The National Park Service says it’s particularly worried about the problems at the border and is doing what it can to get them under control.

“The biggest issue we have with security is border issues,” said NPS spokesman Gerry Gaumer. “It’s a heightened concern. There’s a constant fear of drugs, illegal immigrants. It’s something we’re trying to get a handle on.”

Poaching, vandalism and arson are also security concerns.

“We’re here to secure the resources of the park,” the northeastern superintendent said. “The squirrels, the flowers, the waterfalls, the rocks can’t call 911 when they’re being damaged.”

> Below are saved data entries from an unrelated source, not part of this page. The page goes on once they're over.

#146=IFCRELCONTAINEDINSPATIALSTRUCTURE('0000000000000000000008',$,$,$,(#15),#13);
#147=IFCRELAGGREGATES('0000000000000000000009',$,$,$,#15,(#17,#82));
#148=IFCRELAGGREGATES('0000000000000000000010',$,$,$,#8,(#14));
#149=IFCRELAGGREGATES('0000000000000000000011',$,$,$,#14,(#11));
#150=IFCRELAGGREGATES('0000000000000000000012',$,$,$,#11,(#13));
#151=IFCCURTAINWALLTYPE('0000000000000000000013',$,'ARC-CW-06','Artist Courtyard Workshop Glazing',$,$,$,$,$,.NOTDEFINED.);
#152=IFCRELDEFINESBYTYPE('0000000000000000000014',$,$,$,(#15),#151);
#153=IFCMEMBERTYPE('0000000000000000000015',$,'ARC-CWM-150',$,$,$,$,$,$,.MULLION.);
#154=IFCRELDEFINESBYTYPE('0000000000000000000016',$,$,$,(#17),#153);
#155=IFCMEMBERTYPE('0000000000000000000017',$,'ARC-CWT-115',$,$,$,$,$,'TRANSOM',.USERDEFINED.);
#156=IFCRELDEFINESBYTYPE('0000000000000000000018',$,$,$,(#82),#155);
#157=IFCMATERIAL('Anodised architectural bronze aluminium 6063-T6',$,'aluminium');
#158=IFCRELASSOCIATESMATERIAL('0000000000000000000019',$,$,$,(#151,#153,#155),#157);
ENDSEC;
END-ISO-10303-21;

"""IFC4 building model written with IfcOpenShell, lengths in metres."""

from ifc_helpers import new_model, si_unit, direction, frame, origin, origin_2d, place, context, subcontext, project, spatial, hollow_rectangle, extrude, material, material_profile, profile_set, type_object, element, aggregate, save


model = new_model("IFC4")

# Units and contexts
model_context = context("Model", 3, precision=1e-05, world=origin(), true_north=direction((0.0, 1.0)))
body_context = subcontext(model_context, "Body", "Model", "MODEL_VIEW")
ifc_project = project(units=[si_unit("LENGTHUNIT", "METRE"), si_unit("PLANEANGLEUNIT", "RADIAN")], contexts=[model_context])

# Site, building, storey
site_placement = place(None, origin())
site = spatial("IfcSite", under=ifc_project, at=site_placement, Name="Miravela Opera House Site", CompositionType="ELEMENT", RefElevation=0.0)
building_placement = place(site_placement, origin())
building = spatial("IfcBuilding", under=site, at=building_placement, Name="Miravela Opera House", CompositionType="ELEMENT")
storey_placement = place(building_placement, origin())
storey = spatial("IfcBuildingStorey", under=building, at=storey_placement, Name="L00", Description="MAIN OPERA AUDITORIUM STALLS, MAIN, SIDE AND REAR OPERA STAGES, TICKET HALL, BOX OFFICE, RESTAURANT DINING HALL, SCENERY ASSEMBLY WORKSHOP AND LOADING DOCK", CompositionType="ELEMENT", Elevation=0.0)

The current total NPS annual budget is $2.5 billion, with $1.6 billion of that technically allotted for day-to-day operations. The problem, say Park Service experts, is that the homeland security expenses are coming from the operations money pool — meaning the business of running the park often gets short-changed.

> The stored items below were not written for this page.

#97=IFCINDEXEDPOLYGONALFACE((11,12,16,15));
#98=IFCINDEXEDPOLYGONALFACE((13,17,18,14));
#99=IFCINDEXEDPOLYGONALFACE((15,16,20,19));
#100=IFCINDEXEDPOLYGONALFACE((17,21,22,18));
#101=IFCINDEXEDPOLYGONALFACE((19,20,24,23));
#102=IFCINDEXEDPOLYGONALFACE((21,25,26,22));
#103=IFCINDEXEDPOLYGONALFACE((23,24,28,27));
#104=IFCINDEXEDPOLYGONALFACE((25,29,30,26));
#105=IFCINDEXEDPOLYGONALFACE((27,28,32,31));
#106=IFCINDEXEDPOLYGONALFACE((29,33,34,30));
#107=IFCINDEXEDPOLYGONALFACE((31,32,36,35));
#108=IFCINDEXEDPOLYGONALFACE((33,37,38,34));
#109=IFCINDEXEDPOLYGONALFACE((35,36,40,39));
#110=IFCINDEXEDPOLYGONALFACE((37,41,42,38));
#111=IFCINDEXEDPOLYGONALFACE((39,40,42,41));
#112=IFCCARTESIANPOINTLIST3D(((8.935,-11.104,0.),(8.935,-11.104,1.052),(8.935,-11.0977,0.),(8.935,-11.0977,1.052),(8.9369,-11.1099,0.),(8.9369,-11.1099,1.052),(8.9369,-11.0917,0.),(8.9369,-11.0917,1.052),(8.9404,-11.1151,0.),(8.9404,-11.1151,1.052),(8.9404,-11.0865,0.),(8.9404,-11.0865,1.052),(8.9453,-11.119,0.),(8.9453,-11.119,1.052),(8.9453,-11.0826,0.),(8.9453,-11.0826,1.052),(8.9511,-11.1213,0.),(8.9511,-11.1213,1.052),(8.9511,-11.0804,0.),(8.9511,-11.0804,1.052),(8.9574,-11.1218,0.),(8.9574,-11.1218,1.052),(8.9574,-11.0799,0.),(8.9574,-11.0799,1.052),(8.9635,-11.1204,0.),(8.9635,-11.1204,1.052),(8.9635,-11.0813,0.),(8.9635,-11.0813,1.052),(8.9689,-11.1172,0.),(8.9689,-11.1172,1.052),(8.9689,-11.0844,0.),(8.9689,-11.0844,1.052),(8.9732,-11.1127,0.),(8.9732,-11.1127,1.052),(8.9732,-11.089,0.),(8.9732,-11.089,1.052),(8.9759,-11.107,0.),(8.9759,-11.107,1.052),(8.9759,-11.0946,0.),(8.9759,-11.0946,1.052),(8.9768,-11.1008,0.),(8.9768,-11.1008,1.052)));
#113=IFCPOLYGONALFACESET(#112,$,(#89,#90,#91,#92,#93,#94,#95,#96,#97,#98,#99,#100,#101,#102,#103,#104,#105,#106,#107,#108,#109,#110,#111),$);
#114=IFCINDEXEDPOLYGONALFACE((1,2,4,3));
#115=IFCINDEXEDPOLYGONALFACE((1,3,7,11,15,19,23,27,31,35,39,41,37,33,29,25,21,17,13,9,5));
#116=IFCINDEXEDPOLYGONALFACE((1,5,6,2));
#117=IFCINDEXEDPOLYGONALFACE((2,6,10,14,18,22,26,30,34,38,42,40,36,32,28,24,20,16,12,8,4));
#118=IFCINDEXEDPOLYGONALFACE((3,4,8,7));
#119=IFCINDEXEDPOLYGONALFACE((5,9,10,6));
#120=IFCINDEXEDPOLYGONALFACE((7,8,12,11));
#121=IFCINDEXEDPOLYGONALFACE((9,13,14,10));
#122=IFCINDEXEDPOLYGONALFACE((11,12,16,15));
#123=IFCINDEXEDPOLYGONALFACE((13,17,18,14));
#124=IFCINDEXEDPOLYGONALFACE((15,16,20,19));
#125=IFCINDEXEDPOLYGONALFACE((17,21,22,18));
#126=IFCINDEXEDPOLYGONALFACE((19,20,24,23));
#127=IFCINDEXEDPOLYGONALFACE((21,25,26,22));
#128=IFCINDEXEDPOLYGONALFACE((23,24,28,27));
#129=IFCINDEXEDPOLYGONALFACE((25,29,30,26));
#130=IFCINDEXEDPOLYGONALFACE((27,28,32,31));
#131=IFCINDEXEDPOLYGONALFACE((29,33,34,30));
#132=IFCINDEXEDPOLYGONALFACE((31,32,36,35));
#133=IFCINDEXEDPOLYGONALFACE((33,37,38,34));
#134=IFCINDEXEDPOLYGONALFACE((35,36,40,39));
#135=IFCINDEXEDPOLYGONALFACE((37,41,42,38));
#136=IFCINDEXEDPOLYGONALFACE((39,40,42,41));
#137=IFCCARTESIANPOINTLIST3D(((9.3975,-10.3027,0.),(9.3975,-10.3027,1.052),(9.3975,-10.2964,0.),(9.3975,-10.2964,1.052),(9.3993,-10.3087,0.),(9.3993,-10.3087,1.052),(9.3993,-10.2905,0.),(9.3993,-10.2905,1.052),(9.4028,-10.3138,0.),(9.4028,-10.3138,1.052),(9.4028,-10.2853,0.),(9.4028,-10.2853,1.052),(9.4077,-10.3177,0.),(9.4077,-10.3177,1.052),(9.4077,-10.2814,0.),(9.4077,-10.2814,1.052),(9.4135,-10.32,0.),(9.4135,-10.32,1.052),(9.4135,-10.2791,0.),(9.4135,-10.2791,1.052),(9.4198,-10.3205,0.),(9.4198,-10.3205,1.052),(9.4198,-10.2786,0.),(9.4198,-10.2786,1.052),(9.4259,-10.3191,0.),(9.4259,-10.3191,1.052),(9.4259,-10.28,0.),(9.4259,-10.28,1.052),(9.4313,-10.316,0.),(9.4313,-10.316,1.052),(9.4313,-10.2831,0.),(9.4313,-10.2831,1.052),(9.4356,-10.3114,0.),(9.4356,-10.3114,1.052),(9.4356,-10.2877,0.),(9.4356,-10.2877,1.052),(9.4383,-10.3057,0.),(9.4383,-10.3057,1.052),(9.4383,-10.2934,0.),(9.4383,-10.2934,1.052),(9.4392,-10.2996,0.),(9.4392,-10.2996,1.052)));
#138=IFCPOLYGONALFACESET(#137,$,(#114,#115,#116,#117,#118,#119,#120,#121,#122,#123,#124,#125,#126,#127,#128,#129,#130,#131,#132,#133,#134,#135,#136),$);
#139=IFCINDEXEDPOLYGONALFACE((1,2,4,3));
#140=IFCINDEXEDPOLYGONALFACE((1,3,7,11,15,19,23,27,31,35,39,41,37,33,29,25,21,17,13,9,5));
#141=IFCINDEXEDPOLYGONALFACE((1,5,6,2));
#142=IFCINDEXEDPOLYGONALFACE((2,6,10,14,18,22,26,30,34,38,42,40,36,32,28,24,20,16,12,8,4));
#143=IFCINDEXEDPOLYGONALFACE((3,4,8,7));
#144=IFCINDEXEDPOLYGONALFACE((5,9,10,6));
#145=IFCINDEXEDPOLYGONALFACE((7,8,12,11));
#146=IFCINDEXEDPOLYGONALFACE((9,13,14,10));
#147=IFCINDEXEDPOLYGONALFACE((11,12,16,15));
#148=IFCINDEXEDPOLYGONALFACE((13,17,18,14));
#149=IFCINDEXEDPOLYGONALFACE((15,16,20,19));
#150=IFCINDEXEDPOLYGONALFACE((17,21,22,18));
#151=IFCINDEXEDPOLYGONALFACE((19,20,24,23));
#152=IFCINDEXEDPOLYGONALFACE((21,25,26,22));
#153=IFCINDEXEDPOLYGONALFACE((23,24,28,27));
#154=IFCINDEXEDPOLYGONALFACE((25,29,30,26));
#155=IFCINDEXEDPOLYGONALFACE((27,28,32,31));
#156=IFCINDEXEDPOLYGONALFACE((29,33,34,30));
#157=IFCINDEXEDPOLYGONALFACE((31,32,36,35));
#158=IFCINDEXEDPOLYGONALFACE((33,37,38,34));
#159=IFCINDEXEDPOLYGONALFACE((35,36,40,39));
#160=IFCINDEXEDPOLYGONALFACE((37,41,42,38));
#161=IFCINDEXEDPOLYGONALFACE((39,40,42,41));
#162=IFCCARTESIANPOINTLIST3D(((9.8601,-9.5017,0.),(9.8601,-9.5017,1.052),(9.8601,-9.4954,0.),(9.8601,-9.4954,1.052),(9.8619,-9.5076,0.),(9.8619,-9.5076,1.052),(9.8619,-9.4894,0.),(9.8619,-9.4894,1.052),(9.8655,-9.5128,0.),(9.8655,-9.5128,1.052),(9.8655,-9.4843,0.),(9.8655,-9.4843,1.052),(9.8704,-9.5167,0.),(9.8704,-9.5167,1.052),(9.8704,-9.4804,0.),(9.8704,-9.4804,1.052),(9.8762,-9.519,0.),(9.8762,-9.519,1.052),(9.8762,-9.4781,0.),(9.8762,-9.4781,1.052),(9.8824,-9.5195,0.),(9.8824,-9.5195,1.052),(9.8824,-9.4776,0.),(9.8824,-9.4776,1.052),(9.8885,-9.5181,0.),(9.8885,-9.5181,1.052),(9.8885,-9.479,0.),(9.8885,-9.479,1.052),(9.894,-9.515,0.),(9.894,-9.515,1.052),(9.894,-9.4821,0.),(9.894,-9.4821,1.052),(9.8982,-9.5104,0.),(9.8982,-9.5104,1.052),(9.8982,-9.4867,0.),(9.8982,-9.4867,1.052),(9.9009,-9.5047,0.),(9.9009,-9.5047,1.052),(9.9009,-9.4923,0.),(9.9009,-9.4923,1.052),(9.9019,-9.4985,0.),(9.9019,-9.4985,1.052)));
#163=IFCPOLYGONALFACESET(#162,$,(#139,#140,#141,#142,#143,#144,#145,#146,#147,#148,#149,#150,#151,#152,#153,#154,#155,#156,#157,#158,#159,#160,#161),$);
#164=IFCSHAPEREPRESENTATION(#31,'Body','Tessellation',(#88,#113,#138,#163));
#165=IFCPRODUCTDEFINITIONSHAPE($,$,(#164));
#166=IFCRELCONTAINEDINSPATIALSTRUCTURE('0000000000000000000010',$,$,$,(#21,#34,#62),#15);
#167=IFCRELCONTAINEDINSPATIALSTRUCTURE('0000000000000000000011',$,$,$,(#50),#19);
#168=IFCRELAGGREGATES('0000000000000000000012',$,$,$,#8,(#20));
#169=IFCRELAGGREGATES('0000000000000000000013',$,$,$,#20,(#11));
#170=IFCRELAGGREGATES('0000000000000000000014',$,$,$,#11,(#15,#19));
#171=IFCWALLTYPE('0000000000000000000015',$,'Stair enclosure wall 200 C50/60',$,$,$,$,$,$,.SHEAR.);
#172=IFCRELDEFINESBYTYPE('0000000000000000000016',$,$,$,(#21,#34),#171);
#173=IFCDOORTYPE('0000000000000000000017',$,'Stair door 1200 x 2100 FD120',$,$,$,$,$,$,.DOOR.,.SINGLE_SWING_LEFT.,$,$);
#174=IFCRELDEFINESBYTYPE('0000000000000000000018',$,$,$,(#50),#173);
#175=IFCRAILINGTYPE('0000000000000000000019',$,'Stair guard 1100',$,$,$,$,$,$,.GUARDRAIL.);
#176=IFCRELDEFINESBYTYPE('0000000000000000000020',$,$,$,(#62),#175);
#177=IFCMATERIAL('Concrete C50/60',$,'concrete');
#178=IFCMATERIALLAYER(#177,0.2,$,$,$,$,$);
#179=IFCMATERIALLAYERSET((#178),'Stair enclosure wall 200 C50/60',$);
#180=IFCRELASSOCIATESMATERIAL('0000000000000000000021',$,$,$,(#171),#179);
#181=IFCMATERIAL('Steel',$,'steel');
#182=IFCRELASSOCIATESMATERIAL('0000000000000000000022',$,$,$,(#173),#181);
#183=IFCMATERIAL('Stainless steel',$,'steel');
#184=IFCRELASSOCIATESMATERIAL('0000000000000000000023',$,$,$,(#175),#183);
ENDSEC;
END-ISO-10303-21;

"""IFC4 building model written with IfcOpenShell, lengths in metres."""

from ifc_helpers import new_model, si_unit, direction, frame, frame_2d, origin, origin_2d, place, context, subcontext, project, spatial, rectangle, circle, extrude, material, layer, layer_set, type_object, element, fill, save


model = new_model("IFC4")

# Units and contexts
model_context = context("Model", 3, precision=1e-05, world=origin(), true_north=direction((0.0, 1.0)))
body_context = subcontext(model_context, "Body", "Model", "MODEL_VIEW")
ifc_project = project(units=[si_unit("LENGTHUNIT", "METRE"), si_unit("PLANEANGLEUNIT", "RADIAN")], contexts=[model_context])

“Demands on the parks have gone up, and the budgets have not,” said Blake Selzer, legislative representative for the National Parks Conservation Association. “Over the last couple of years, the problem has grown exponentially.”

For now, there are few answers or solutions in sight, and the park system is making do as best it can. Though recreational visits have dropped slightly in recent years, determined travelers say they won’t stop trekking to the national nature preserves. But their trips — and their moods — might be affected.

“I would go back, but I wouldn’t camp in particular areas,” Rich Foulk, a 36-year-old history teacher, said of Organ Pipe. “It made me a little depressed to think about what’s happening to things. It’s an incredible park, and it’s being ruined.”